Note: Preserving data order is not required if they are going from x to 2x size system. For example, base+2 to base+4, base+4 to base+8, base+8 to base+16, base+16 to base+32 does not requires this step. However, any other configuration like base+2 to base+6 or base+4 to base+6 or base+8 to base+12 or base+32 to base+48 will require this step.

Backup databases

: Backup databases before expansion. If you are performing your regular backups, take the final increment before Netezza Performance Server expansion.

Prepare for post-expansion data validation

Prepare for post-expansion data validation.
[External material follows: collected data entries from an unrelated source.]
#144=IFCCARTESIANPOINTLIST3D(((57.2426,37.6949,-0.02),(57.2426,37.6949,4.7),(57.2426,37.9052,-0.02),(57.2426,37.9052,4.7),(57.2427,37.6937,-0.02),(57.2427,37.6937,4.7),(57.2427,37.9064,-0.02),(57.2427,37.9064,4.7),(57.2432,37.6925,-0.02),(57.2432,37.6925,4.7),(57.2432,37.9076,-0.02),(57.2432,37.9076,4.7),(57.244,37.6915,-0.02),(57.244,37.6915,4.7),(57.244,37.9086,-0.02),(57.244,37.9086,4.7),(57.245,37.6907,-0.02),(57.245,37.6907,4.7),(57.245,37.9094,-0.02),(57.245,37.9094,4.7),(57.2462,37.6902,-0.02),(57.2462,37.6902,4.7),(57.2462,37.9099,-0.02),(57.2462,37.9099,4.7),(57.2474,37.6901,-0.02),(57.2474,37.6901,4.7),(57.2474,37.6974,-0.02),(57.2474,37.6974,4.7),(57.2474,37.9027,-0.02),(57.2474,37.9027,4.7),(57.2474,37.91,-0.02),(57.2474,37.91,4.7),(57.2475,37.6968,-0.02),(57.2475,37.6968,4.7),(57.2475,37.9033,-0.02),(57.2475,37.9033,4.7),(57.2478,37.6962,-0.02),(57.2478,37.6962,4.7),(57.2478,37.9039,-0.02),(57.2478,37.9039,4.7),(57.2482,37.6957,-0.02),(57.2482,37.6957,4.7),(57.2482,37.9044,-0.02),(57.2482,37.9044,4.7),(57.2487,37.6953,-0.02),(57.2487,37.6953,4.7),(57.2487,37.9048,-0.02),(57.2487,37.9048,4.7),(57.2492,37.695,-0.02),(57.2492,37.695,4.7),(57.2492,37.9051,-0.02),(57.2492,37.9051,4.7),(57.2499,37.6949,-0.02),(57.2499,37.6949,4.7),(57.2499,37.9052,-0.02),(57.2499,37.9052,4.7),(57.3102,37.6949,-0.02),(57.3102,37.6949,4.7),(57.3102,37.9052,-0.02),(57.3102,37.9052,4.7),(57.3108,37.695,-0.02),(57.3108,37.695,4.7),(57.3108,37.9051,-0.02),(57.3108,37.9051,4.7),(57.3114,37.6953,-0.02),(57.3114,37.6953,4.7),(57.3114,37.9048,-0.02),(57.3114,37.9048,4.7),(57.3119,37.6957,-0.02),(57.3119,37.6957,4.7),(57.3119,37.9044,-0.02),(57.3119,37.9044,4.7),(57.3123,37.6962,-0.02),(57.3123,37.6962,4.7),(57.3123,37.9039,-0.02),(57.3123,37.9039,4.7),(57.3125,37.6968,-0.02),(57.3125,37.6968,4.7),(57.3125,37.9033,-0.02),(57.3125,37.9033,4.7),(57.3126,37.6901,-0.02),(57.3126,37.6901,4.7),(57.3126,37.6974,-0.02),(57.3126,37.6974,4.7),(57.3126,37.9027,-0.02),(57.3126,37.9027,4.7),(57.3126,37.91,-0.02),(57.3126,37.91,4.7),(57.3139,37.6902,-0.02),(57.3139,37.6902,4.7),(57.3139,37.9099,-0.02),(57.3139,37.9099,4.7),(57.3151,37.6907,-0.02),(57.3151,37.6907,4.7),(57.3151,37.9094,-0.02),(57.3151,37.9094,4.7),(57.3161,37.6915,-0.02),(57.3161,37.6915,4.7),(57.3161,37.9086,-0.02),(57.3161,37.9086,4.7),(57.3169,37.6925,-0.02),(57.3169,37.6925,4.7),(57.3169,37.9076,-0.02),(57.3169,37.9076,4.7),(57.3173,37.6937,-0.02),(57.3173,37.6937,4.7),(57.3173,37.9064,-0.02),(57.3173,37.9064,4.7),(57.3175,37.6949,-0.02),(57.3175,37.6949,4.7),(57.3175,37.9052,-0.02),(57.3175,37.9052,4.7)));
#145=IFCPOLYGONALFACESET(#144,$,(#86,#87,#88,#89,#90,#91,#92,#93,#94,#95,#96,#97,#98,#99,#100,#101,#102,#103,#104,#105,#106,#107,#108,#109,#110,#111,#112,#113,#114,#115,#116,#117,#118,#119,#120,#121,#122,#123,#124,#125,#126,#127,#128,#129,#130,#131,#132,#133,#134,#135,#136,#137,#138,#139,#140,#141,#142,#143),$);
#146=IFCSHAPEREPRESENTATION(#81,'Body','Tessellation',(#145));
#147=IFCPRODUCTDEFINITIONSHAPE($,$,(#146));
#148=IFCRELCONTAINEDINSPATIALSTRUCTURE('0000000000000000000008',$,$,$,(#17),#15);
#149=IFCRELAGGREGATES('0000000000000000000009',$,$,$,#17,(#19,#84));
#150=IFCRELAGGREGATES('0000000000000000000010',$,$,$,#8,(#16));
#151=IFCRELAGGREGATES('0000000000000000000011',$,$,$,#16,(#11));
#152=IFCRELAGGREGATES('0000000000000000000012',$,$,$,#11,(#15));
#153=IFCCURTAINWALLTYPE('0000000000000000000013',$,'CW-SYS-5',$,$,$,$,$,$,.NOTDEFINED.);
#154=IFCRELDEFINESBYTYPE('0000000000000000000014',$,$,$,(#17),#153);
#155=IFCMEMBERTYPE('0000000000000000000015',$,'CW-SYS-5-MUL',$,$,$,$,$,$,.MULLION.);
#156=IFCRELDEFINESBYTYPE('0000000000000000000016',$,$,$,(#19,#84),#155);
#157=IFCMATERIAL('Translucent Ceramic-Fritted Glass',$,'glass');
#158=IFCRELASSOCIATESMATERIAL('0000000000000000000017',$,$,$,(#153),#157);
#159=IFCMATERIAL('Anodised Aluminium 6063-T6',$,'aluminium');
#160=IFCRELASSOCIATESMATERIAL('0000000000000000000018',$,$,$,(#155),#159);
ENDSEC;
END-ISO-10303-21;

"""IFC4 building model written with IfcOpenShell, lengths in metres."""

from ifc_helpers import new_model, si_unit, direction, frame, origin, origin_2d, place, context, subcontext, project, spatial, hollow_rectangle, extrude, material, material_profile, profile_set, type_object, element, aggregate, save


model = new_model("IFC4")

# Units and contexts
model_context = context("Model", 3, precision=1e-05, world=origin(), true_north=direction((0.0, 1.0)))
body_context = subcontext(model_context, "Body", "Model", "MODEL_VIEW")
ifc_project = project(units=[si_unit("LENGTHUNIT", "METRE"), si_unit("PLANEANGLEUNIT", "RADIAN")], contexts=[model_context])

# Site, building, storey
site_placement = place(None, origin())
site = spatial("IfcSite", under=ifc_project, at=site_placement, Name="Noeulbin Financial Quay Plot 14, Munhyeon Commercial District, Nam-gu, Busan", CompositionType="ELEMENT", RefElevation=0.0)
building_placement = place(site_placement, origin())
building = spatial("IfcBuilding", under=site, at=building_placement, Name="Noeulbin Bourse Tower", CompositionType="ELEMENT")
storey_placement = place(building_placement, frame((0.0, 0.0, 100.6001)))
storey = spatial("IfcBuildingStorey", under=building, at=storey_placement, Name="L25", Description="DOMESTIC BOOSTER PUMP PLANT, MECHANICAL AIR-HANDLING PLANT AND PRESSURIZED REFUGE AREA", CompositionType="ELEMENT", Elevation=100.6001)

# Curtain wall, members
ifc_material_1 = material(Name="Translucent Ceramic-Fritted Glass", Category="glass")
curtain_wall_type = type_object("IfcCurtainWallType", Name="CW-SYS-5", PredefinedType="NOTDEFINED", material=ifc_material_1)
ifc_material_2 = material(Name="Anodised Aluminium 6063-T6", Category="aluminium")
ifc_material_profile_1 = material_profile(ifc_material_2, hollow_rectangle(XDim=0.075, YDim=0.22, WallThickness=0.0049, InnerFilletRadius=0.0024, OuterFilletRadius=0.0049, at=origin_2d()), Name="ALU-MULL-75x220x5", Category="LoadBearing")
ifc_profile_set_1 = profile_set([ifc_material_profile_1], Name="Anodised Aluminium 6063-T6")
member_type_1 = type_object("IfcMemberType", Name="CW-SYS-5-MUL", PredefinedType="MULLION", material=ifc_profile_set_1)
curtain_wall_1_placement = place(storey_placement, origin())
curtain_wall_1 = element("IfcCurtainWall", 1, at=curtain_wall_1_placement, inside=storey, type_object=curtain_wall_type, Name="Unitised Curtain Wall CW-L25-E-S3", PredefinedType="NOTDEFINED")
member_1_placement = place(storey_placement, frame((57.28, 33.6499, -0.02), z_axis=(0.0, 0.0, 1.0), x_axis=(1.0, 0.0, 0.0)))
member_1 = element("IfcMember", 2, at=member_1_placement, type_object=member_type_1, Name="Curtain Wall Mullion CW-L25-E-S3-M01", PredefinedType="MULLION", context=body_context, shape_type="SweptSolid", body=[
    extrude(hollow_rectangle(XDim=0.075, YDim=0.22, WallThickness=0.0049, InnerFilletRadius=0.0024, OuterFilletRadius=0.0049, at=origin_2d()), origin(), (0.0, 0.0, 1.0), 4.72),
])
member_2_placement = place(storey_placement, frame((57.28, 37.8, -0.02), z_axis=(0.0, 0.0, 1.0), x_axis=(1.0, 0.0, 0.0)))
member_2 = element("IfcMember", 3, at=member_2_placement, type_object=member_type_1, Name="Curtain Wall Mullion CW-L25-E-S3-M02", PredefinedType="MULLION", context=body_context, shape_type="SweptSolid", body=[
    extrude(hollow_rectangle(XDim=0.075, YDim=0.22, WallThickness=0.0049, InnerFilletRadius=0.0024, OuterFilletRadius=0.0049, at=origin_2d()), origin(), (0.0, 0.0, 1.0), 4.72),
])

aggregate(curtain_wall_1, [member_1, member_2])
To capture row count, run the following command:

nz_db_table_row_count

Tip: Select some reports or queries to run for data validation, performance comparison, and capture the results.
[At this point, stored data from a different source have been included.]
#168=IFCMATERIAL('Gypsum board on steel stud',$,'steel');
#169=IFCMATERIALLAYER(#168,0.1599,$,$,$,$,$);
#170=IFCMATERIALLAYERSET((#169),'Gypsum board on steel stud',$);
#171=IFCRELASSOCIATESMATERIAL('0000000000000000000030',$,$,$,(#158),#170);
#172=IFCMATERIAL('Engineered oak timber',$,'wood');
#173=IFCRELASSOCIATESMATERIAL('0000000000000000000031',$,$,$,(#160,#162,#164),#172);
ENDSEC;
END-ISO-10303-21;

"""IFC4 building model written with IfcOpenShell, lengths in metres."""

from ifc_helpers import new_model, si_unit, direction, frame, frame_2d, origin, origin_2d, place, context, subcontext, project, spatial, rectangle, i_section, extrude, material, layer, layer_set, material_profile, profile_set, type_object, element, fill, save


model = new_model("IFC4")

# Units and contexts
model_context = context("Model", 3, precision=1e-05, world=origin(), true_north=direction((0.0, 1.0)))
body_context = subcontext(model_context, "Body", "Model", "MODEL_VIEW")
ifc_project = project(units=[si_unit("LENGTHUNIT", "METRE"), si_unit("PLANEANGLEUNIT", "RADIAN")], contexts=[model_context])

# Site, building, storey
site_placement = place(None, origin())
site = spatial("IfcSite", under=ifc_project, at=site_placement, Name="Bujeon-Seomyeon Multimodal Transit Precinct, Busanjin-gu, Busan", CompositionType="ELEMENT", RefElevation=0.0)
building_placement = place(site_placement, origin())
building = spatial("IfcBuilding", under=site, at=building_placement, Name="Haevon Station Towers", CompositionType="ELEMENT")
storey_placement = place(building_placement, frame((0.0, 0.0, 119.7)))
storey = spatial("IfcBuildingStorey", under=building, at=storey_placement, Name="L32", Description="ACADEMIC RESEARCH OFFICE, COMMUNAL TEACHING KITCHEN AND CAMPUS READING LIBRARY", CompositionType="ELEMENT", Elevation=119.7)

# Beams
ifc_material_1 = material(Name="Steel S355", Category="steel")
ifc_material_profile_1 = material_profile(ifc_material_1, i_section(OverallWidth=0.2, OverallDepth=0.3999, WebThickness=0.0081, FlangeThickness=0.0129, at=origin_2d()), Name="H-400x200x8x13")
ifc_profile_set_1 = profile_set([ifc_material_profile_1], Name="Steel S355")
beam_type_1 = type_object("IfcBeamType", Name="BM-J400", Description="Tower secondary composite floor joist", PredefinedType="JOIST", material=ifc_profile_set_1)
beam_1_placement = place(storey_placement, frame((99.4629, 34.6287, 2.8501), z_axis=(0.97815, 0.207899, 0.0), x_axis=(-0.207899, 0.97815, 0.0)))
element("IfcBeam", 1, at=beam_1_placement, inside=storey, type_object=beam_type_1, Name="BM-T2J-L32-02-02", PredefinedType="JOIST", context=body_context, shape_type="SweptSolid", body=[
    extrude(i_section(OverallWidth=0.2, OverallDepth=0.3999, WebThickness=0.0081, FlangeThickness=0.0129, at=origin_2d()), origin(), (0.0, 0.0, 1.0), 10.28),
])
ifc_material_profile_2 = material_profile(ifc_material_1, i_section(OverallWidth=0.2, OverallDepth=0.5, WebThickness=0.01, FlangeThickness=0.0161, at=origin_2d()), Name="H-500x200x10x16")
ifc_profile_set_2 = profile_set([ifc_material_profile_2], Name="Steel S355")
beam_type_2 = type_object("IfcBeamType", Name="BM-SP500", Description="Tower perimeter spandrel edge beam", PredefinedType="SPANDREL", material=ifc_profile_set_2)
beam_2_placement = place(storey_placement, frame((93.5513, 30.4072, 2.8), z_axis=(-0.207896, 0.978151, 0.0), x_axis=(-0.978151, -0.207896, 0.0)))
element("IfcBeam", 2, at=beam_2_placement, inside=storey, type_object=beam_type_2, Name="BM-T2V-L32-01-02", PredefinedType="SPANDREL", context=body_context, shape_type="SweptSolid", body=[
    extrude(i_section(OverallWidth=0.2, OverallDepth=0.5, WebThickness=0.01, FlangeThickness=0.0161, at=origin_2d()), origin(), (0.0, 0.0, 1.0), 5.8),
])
Ensure sufficient disk space

Note: This step is applicable only if online redistribution is chosen.

Determine the number of data slices that the system will have after expansion. You can obtain this from IBM or by multiplying the number of SPU enclosures by 96. For example, if expanding to a Base+8 system, the new data slice count is 768.
Tip: To calculate new data slice count: number of SPU enclosures * 96.
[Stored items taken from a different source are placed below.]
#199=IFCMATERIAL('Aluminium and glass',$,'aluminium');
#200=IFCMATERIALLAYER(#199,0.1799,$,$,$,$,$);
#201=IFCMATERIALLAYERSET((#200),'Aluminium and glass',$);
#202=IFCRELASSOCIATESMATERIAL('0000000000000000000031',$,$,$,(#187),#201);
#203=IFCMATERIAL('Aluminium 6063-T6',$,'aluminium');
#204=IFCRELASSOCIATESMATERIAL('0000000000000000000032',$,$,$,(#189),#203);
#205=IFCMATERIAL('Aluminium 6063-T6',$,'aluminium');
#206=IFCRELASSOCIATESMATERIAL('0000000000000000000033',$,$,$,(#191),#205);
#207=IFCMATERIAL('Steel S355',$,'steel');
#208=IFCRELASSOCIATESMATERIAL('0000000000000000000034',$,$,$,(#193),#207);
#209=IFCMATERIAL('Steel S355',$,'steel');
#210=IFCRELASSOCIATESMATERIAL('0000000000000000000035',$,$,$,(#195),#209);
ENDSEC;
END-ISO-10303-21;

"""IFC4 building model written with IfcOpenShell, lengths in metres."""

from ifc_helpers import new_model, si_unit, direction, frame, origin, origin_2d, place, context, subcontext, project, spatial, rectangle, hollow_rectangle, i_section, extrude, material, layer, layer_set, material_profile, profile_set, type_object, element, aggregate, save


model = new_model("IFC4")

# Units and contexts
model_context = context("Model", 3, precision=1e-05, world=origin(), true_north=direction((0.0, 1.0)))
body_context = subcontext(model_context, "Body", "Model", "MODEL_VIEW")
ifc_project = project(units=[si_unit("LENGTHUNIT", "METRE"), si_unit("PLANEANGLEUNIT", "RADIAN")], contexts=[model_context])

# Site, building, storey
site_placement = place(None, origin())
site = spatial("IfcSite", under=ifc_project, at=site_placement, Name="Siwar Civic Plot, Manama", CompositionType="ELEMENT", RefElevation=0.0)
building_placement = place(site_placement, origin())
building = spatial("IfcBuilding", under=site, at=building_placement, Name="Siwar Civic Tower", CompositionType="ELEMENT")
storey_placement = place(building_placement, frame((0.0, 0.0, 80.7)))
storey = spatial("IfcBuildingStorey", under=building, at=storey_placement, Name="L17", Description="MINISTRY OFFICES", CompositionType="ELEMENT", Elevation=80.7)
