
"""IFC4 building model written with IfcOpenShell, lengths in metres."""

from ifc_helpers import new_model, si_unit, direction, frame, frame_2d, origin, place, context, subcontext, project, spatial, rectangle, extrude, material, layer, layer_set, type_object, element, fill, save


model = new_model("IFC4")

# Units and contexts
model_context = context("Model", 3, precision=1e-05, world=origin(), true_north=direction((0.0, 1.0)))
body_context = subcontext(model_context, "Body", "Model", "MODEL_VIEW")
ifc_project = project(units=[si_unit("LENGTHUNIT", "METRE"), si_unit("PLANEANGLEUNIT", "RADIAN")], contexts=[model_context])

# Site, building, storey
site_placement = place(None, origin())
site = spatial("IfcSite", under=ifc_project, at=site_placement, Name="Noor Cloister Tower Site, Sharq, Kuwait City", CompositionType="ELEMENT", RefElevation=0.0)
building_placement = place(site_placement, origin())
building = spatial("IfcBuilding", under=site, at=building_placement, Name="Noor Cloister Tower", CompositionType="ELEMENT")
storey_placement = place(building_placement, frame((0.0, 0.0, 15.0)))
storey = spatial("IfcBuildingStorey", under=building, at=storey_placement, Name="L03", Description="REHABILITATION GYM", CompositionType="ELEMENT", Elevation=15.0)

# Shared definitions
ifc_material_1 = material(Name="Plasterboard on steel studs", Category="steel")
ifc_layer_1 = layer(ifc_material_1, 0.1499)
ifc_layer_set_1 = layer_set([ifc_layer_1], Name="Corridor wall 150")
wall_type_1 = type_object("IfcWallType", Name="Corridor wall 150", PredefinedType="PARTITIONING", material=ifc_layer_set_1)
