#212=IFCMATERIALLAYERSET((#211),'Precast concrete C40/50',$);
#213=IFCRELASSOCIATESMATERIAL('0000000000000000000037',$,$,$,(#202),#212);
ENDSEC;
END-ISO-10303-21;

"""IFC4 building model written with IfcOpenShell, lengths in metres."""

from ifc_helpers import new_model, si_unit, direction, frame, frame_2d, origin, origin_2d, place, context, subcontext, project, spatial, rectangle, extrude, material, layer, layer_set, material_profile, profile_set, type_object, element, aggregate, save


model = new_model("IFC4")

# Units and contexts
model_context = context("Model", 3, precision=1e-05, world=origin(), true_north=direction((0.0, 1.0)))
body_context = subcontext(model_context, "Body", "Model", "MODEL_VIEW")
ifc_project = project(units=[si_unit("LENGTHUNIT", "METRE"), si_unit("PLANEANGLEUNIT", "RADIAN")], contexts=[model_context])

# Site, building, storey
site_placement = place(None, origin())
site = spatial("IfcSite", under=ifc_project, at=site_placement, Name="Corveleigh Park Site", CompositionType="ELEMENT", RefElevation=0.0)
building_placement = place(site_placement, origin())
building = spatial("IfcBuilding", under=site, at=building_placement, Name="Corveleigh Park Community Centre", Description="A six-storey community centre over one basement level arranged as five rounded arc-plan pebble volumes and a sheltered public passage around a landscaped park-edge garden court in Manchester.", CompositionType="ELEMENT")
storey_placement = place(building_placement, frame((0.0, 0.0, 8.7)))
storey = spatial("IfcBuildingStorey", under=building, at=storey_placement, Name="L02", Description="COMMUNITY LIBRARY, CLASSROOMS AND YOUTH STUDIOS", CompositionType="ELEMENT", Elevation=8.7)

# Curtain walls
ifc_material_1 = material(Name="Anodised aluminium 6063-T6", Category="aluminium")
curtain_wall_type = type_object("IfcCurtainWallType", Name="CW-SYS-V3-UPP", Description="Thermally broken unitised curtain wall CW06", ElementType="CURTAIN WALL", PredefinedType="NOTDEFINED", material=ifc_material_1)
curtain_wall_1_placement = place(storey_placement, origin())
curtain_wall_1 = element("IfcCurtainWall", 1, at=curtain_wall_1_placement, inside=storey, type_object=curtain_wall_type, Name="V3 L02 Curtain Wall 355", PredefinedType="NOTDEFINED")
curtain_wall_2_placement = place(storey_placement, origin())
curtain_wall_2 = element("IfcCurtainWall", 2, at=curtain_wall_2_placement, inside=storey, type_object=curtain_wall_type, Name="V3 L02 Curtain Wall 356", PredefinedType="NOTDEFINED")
Run the following command to determine whether all tables can be redistributed by using online redistribution. Use the output when choosing a distribution method in Redistribution methods.

/nz/support/bin/nz_redistribute -SpaceEstimate <new data slice count>

Output

If there is sufficient disk space to redistribute all tables online:

nz_redistribute -SpaceEstimate <new data slice count>

     # Of Dataslices
     --------------------
        Before Expansion:  120
         After Expansion:  160

     Dataslice Sizing
     --------------------
          Total Capacity:  195.31  GiB
              USED (max):  133.64  GiB
              FREE (min):   61.66  GiB

     Largest Table
     --------------------
                    Name:  SAMPLE_DATABASE.ADMIN.CUSTOMER_ORDERS
      DSlice AVG Storage:   21.07  GiB
      DSlice MAX Storage:   27.95  GiB

     Estimation Summation
     --------------------
     Total space needed (per dataslice) to do the online redistribution:  128.19  GiB

      Should be adequate:   67.12  GiB  to spare

If the disk space is insufficient to redistribute all tables online:

nz_redistribute -SpaceEstimate <new data slice count>

     # Of Dataslices
     --------------------
        Before Expansion:  120
         After Expansion:  160

     Dataslice Sizing
     --------------------
          Total Capacity:  195.31  GiB
              USED (max):  181.02  GiB
              FREE (min):   14.29  GiB

     Largest Table
     --------------------
                    Name:  SAMPLE_DATABASE.ADMIN.WEB_HITS
      DSlice AVG Storage:   50.83  GiB
      DSlice MAX Storage:   61.56  GiB

     Estimation Summation
     --------------------
     Total space needed (per dataslice) to do the online redistribution:  197.33  GiB

         INSUFFICIENT BY:    2.02  GiB

Proceed to Redistribution methods, or try to free up more disk space to cover the INSUFFICIENT BY amount per data slice and then repeat the

nz_redistribute
-SpaceEstimate

command before choosing the redistribution method.